Arthaus student India Savill was keen to share her thoughts on what the group has meant to her, since joining a year ago. ‘I first joined Arthaus looking for some inspiration and a direction for my creativity. However, since being involved, I’ve realised it’s given me so much more than that. Since being part of the group at Hauser & Wirth, I have gained so much knowledge and confidence – in myself and in the way I work as an artist. Arthaus has given me once-in-a-lifetime opportunities: interviewing artists and visiting private studios, and it has even introduced me to filmmaking, working alongside John Wood and Paul Harrison, helping them create This Rectangle (2018). I am also extremely proud to be able to add my involvement with Arthaus to my CV – it is great experience to have and I am so pleased that we have Hauser & Wirth Somerset right on our doorstep. Working with John and Paul has been my favourite Arthaus project so far. We planned, took test shots and filmed the entirety of the film in just a handful of evenings.

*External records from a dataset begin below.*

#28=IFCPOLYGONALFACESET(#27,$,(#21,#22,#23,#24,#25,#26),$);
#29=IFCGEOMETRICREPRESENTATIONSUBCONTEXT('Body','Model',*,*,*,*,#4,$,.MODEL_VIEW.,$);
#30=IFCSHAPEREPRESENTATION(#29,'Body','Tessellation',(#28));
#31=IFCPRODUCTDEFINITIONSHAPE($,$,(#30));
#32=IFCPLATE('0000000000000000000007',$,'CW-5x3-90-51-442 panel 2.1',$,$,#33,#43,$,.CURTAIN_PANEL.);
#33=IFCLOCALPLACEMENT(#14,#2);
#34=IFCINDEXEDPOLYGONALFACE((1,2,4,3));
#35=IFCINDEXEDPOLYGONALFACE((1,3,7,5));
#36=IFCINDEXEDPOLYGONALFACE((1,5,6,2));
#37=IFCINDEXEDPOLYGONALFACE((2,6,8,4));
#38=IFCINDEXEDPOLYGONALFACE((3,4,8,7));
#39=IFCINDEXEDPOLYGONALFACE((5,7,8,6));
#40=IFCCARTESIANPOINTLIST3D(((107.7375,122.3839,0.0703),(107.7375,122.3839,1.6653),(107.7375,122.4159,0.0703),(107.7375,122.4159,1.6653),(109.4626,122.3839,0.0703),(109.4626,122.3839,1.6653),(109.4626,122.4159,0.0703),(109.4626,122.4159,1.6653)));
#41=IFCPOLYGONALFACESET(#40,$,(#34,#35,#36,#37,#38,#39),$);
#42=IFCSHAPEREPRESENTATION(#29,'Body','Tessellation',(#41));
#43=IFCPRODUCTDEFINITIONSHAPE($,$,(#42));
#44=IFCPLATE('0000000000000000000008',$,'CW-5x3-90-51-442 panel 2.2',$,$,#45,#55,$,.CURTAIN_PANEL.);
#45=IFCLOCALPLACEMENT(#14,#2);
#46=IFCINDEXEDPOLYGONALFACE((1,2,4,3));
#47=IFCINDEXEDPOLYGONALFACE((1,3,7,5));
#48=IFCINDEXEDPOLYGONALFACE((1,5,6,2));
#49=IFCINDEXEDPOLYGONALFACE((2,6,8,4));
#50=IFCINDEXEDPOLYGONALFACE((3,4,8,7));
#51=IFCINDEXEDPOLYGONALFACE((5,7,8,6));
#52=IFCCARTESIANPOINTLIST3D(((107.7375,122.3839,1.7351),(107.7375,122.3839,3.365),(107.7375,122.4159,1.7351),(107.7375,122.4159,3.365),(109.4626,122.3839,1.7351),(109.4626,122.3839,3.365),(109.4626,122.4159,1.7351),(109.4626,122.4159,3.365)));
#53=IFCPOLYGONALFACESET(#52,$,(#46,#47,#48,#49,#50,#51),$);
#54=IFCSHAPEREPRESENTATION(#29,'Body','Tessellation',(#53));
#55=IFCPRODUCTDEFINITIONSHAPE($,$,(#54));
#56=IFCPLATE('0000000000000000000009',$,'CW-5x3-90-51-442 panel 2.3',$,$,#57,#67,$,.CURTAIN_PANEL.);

Seeing the film on show at Hauser & Wirth, and receiving a copy to add to my portfolio, was just amazing and working with these artists really opened my eyes, not only to filmmaking but to a whole world of experiences within the world of art. It was so interesting to see how John and Paul worked, and where their inspiration comes from, and so rewarding to step back at the end and see the finished product – the result of all our hard work. I’m so grateful for what Arthaus has given me, and my only regret is that I didn’t get involved sooner!’